For those reasons, a non-native English speaker is better off staying closer to her true level of written expression, however far she can push that between now and then. It's impossible to fool admissions officers about actual writing skills when they have that LSAT writing sample in front of them. (That's true for native speakers as well.) They don't expect the LSAT writing sample to be perfect — test takers are given stupid topics to write about, and those writing samples are drafted under time pressure without the opportunity to belabor 20 revisions. But it is a great baseline against which to compare the application essay when its authenticity is in question for any reason.
What does that mean for an applicant whose written English skills need "considerable work," as you describe the situation? Remember that one of the things an admissions officer is measuring in the application is whether the person has sufficient command over written English. If an applicant's writing skills are too deficient, then I'd say that person isn't ready yet to apply to law school, or at least to a competitive one. (I concede that there are plenty of junk law schools that do not select for good writing skills, but they aren't worth attending anyway; good luck finding a decent legal job afterwards.) Applicants with poor writing skills won't be able to keep up at a law school whose grades revolve around long, high-stakes, written exams at the end of each semester, and those schools don't want to set people up for failure if they admit them. Will you be around to fix your friend's writing when he's muscling through his law school exams, submitting a legal brief to his summer employer, drafting cover letters, or taking the bar? You won't, nor should you be. But I give you a big, gold star and a bunch of karma points for mentoring him. And sometimes mentoring means *not* doing something for someone, but helping him help himself.
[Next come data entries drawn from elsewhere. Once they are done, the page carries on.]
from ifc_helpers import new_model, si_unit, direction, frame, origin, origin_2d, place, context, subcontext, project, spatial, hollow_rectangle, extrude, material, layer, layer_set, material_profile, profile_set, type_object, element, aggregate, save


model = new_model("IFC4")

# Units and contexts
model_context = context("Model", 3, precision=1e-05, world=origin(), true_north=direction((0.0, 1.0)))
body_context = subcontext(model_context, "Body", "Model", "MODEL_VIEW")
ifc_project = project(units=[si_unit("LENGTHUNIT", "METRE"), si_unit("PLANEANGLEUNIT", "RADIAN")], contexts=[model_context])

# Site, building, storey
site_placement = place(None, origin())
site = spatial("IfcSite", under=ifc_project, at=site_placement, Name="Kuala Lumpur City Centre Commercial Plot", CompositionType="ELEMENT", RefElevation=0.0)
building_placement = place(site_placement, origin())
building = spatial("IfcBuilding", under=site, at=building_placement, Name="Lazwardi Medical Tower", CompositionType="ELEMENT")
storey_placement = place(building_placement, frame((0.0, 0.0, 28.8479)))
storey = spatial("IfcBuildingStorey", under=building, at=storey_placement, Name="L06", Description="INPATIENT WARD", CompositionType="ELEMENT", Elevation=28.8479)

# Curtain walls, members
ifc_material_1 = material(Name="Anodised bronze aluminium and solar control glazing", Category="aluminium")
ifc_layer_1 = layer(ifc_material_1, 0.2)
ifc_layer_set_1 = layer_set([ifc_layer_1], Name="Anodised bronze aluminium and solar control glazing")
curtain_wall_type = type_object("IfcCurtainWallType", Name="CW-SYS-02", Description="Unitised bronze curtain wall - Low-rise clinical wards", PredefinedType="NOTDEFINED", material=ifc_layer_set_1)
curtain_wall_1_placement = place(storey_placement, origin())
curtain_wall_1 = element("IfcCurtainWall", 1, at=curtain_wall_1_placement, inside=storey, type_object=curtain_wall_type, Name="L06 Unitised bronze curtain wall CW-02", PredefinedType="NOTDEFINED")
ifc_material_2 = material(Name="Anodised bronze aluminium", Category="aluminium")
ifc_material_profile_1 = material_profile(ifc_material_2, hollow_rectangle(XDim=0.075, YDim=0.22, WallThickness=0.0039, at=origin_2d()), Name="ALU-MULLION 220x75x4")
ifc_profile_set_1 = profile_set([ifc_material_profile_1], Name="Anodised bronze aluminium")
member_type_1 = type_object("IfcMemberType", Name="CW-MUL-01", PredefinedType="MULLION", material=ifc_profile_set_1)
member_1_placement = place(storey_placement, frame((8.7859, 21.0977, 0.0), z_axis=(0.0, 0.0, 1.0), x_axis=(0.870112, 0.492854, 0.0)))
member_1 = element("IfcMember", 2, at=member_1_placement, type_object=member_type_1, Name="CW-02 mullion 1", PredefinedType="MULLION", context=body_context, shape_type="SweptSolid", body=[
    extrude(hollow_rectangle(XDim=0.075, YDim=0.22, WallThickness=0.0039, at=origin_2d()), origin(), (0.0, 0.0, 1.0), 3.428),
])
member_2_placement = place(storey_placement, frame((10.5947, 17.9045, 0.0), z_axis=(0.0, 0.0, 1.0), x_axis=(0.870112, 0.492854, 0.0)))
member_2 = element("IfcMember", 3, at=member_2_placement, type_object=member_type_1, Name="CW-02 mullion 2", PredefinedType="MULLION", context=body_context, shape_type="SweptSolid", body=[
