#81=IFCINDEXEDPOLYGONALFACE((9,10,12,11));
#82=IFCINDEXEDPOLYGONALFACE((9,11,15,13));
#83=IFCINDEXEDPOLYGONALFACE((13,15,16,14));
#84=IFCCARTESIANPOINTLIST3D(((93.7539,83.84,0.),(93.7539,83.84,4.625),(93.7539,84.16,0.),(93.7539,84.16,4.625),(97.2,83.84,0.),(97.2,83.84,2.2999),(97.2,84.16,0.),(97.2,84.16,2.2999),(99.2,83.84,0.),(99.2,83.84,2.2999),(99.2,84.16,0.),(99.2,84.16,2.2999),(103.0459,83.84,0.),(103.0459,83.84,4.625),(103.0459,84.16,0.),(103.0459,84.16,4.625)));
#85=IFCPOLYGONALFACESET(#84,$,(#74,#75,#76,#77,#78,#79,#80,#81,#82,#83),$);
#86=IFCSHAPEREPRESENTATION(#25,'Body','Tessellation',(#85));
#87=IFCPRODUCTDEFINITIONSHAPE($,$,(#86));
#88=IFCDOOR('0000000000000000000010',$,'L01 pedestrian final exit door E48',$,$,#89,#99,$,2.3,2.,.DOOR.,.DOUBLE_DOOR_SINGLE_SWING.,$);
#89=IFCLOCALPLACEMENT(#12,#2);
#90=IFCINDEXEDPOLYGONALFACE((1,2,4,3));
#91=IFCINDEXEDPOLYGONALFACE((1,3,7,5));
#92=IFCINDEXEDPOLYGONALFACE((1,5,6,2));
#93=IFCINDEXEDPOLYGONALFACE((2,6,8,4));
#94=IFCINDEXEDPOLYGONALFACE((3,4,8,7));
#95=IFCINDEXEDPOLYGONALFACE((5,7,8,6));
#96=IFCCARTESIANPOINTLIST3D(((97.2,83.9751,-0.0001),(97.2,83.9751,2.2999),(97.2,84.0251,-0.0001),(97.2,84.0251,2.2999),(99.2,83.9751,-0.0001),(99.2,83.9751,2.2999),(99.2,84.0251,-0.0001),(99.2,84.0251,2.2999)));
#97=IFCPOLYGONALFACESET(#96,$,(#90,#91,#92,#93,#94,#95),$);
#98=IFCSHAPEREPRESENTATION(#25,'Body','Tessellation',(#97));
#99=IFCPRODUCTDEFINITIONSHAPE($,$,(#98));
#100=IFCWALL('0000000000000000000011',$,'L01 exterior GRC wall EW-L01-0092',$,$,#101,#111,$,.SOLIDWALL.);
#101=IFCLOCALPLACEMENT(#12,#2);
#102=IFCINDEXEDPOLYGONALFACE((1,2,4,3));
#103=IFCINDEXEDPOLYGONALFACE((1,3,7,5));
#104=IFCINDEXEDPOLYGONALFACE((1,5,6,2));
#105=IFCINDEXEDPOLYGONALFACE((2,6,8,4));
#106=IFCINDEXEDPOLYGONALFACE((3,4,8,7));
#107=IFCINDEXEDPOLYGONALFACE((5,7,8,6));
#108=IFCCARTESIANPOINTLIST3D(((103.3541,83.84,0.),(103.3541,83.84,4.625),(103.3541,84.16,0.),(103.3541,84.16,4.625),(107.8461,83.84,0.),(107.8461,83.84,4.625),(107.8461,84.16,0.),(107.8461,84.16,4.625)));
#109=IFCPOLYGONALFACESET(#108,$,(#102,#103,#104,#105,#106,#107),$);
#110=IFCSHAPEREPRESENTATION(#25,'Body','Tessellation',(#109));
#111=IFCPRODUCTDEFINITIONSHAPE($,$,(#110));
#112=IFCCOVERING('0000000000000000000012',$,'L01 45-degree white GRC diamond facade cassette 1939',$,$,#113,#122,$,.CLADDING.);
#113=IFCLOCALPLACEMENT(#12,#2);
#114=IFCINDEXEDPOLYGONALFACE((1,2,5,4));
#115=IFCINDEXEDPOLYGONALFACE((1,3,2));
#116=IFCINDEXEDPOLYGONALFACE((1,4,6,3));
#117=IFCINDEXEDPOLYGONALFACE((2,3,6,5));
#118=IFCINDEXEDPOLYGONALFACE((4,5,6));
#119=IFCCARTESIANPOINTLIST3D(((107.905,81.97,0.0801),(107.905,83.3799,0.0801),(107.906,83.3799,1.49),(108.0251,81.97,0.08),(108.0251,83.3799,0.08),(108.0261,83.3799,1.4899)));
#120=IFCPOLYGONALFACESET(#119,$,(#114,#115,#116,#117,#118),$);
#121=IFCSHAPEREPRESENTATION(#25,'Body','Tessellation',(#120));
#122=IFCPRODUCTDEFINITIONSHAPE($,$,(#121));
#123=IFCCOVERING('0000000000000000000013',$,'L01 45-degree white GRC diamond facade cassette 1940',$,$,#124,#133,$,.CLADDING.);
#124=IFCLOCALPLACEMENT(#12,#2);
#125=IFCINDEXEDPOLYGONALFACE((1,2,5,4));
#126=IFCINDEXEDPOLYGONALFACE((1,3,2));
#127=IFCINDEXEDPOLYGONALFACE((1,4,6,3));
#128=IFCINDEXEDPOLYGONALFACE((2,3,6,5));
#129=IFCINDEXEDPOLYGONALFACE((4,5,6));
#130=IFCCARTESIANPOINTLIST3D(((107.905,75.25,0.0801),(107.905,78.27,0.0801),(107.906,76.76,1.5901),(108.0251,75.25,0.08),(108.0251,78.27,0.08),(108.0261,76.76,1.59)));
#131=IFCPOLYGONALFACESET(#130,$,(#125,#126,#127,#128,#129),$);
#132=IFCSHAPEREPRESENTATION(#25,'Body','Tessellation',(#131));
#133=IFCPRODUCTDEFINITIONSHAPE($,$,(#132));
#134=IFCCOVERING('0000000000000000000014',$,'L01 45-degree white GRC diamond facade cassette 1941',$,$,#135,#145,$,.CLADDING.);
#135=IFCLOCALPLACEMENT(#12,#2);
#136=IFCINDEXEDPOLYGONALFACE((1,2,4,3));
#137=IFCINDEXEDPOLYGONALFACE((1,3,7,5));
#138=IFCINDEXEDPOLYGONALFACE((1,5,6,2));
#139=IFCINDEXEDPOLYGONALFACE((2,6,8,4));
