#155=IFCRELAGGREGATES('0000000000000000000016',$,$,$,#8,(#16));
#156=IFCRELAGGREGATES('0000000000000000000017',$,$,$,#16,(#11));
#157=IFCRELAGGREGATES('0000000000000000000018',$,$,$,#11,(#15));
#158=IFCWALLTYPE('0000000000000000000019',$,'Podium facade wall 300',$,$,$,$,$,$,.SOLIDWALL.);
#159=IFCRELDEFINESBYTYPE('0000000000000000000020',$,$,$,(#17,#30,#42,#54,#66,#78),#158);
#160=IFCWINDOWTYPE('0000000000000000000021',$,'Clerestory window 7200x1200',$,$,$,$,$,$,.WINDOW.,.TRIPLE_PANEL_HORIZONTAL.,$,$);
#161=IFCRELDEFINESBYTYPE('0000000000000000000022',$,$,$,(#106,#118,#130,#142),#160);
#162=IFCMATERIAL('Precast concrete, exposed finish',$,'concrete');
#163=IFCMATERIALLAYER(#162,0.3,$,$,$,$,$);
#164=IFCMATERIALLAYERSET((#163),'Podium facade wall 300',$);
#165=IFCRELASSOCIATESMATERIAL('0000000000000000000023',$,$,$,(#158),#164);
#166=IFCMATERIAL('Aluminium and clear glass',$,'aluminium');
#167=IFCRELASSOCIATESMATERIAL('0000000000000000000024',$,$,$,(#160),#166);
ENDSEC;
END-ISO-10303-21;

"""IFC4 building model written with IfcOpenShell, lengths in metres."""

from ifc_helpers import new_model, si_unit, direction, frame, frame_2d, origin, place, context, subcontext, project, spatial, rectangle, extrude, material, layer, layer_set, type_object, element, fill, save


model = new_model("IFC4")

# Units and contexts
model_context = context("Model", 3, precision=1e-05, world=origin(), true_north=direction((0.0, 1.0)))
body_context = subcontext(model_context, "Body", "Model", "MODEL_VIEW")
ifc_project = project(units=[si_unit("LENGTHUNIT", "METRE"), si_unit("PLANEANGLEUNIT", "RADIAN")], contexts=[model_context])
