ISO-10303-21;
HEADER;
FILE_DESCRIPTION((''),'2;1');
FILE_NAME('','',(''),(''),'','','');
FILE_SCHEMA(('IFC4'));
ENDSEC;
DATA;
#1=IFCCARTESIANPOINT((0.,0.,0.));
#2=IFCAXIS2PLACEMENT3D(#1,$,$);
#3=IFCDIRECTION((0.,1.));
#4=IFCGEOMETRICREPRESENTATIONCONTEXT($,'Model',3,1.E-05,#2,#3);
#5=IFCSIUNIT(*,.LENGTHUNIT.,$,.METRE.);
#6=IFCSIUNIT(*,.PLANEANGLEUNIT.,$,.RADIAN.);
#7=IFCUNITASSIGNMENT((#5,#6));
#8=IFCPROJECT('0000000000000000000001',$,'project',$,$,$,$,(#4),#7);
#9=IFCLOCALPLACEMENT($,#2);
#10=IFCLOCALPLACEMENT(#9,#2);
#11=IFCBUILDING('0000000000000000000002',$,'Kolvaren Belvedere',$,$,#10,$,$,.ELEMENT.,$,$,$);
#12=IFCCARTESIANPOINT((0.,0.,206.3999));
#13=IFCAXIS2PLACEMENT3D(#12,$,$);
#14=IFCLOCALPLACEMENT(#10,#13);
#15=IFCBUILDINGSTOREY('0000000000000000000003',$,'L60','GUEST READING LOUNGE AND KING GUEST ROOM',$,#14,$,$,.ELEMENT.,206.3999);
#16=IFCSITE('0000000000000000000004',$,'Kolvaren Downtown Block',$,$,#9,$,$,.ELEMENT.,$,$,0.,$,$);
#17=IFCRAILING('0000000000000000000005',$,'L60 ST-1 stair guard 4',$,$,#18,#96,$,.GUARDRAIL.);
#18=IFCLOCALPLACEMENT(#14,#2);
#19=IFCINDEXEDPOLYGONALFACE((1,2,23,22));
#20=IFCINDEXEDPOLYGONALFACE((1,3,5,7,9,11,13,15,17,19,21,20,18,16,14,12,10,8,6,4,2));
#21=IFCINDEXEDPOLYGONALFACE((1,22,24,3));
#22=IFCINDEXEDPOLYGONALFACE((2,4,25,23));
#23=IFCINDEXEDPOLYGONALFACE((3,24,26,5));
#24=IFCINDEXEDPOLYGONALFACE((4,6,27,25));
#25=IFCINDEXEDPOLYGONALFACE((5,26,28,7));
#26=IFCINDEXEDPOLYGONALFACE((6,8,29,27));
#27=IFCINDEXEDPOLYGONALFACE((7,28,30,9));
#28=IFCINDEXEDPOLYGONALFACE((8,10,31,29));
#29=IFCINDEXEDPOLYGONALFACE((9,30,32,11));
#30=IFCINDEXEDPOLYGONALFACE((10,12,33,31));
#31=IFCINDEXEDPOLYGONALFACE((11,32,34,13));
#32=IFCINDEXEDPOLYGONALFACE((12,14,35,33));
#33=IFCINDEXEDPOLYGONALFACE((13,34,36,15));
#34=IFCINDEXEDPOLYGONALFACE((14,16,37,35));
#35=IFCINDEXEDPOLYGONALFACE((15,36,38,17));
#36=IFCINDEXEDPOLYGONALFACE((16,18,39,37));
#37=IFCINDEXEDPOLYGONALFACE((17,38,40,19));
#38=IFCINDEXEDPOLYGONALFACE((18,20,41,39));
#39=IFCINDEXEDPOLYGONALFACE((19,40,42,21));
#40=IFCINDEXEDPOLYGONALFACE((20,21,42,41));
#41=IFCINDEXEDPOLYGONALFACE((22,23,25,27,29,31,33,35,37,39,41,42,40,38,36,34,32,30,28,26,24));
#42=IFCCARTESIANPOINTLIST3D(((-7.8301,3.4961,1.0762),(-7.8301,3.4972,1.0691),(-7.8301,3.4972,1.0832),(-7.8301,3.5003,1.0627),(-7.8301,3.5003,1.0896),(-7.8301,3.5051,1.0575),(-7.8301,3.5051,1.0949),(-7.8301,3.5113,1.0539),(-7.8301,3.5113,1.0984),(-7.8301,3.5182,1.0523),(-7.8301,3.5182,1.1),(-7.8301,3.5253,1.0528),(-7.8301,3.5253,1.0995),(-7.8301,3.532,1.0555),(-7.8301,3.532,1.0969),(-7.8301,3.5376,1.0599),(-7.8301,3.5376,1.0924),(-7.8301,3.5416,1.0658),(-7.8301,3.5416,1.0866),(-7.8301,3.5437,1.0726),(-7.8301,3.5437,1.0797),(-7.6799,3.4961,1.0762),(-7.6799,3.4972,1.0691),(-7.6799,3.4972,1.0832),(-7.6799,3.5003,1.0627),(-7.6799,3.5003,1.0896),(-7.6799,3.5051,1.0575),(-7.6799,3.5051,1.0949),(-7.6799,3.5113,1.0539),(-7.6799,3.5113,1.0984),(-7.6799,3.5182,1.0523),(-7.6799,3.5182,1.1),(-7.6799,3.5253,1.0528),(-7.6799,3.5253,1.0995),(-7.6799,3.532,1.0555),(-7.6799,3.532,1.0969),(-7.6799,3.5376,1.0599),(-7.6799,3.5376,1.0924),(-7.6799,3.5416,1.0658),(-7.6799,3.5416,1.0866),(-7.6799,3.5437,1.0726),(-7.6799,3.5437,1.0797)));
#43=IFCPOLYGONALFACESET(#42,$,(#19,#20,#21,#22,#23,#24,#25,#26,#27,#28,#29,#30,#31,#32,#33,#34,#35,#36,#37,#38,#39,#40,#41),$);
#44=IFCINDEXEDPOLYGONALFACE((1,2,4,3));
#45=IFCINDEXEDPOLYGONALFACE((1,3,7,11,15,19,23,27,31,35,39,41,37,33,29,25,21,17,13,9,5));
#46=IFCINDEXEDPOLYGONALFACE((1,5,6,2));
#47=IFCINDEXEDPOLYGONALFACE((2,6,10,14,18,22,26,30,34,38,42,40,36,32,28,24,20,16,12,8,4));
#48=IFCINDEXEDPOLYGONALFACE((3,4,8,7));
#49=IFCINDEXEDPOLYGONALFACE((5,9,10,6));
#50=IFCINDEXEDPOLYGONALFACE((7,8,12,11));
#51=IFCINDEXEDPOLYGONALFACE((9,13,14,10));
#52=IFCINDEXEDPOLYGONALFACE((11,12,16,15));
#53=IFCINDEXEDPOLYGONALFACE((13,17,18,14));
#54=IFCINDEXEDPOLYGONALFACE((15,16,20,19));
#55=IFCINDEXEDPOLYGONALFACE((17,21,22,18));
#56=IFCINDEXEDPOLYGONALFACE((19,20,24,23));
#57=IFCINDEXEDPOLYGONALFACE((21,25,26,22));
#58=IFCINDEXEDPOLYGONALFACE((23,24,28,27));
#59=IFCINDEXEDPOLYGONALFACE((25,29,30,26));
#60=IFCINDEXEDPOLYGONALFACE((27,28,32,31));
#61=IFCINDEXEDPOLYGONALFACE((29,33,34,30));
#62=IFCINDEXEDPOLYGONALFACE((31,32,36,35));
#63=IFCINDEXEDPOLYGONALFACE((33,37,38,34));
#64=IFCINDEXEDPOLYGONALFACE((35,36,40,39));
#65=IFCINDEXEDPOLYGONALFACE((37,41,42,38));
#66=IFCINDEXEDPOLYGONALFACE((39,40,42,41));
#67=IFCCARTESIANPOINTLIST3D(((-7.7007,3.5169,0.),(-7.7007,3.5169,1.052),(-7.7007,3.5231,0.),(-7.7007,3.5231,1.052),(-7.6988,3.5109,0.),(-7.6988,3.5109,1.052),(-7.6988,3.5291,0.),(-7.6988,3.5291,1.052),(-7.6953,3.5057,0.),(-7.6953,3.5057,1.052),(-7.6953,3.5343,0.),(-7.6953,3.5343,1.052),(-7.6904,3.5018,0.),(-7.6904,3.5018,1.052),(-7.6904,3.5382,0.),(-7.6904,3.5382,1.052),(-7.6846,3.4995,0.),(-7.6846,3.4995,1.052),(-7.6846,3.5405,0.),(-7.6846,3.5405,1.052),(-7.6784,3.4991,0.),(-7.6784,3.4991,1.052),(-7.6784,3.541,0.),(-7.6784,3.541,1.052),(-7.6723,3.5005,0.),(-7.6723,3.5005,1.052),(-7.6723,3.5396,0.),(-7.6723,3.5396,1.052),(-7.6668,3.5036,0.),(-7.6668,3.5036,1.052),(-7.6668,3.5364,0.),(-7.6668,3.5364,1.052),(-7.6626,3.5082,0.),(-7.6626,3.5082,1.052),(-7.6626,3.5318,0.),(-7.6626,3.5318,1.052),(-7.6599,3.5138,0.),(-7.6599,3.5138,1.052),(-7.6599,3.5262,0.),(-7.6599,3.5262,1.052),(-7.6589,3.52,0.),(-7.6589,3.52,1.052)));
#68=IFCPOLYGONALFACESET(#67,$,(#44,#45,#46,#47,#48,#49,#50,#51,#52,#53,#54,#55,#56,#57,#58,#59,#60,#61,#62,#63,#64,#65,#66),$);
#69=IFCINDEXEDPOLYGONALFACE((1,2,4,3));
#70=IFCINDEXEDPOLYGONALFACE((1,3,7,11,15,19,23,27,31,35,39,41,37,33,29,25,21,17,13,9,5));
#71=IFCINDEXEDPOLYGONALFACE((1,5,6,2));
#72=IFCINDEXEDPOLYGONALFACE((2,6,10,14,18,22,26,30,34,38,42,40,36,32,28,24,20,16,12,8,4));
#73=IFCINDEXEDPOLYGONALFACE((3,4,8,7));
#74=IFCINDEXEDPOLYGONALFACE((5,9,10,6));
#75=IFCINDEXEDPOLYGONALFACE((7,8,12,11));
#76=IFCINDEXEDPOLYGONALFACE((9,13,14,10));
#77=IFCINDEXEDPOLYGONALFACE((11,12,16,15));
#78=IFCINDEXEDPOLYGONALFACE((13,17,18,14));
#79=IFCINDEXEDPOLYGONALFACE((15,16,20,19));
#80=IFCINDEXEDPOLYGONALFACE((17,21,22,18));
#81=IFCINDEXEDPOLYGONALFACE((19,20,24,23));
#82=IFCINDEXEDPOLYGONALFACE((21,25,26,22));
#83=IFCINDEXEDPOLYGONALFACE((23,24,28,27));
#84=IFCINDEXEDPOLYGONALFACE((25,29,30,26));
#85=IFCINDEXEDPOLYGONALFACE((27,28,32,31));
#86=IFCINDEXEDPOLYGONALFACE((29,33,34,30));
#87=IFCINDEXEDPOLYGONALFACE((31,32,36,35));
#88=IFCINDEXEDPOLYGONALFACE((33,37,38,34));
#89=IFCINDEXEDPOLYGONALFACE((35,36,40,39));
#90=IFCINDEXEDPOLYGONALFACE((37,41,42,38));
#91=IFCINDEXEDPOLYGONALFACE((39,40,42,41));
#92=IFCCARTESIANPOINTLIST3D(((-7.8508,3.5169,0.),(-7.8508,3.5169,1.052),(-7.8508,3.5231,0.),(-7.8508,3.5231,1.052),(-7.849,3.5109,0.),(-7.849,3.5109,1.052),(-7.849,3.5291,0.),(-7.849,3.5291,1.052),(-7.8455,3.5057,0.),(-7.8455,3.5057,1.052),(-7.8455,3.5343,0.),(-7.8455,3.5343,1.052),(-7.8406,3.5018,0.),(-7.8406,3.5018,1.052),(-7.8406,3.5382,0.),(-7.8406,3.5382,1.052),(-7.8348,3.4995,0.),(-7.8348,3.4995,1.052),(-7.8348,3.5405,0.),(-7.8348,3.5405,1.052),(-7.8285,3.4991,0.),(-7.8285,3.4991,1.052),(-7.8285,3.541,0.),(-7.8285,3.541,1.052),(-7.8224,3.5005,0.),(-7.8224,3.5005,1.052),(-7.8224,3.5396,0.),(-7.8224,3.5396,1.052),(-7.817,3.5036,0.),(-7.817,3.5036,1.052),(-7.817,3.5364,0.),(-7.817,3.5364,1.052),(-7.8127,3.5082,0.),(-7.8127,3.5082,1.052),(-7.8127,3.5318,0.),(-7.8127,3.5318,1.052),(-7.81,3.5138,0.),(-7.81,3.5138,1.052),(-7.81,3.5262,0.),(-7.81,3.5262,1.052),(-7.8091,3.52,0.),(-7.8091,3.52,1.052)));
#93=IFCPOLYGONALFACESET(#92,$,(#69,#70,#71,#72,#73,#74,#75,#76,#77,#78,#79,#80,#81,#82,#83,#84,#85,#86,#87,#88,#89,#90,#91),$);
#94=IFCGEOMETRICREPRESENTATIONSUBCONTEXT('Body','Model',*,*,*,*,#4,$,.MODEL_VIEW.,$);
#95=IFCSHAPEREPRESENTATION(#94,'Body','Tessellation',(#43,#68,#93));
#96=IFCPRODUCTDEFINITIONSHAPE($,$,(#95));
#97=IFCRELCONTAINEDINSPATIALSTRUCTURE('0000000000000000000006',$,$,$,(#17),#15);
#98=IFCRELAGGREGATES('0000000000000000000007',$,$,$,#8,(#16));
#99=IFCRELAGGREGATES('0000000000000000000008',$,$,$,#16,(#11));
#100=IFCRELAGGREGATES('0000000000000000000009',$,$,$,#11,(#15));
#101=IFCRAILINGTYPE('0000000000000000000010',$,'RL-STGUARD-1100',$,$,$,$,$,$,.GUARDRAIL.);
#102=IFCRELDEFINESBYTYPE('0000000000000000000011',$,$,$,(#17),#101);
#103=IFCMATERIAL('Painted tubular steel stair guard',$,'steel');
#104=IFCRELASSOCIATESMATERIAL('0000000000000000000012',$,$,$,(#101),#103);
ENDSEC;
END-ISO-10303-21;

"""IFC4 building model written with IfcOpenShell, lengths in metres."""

from ifc_helpers import new_model, si_unit, direction, frame, origin, origin_2d, place, context, subcontext, project, spatial, circle, extrude, material, type_object, element, save


model = new_model("IFC4")

# Units and contexts
model_context = context("Model", 3, precision=1e-05, world=origin(), true_north=direction((0.0, 1.0)))
body_context = subcontext(model_context, "Body", "Model", "MODEL_VIEW")
ifc_project = project(units=[si_unit("LENGTHUNIT", "METRE"), si_unit("PLANEANGLEUNIT", "RADIAN")], contexts=[model_context])

# Site, building, storey
site_placement = place(None, origin())
site = spatial("IfcSite", under=ifc_project, at=site_placement, Name="Kolvaren Downtown Block", CompositionType="ELEMENT", RefElevation=0.0)
building_placement = place(site_placement, origin())
building = spatial("IfcBuilding", under=site, at=building_placement, Name="Kolvaren Belvedere", CompositionType="ELEMENT")
storey_placement = place(building_placement, frame((0.0, 0.0, 206.3999)))
storey = spatial("IfcBuildingStorey", under=building, at=storey_placement, Name="L60", Description="GUEST READING LOUNGE AND KING GUEST ROOM", CompositionType="ELEMENT", Elevation=206.3999)

# Railing
ifc_material_1 = material(Name="Painted tubular steel stair guard", Category="steel")
railing_type_1 = type_object("IfcRailingType", Name="RL-STGUARD-1100", PredefinedType="GUARDRAIL", material=ifc_material_1)
railing_1_placement = place(storey_placement, frame((-7.6799, 3.52, 0.0)))
element("IfcRailing", 1, at=railing_1_placement, inside=storey, type_object=railing_type_1, Name="L60 ST-1 stair guard 4", PredefinedType="GUARDRAIL", context=body_context, shape_type="SweptSolid", body=[
    extrude(circle(Radius=0.0239, at=origin_2d()), frame((0.0, 0.0, 1.0762), z_axis=(-1.0, 0.0, 0.0), x_axis=(0.0, -1.0, 0.0)), (0.0, 0.0, 1.0), 0.1501),
    extrude(circle(Radius=0.021, at=origin_2d()), origin(), (0.0, 0.0, 1.0), 1.052),
    extrude(circle(Radius=0.021, at=origin_2d()), frame((-0.1501, 0.0, 0.0)), (0.0, 0.0, 1.0), 1.052),
])

save(model, "model.ifc")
That doesn't mean that a top law school is out of the picture for your friend full stop. Maybe his current level is good enough that you can help him improve it between now and the LSAT/submission of the application essay. But if that gap is too wide, he would probably benefit from an additional year to participate in an intensive writing program and get his written English skills up to par. There is no shame in that, and in the long run it will make him a better law student and a more effective lawyer, too. It will also make him more likely to land a good legal job afterwards, which is ultimately the whole point. All of that is true whether a person grew up speaking English or not.
In the meantime, here are some of my favorite books that help people get their written English from good to great. To master the rules, the Chicago Manual of Style is still the gold standard. For pro tips on merging grammar with style, check out Sin and Syntax: How to Craft Wickedly Effective Prose. I’m also a big fan of Bryan Garner’s Garner's Modern English Usage.
I'm all in favor of paying things forward, and some day, when his writing skills are much stronger, I'm sure your friend will turn around and help others with their writing. When done right, that's a great thing. Good luck to you both on our LSAT and your applications.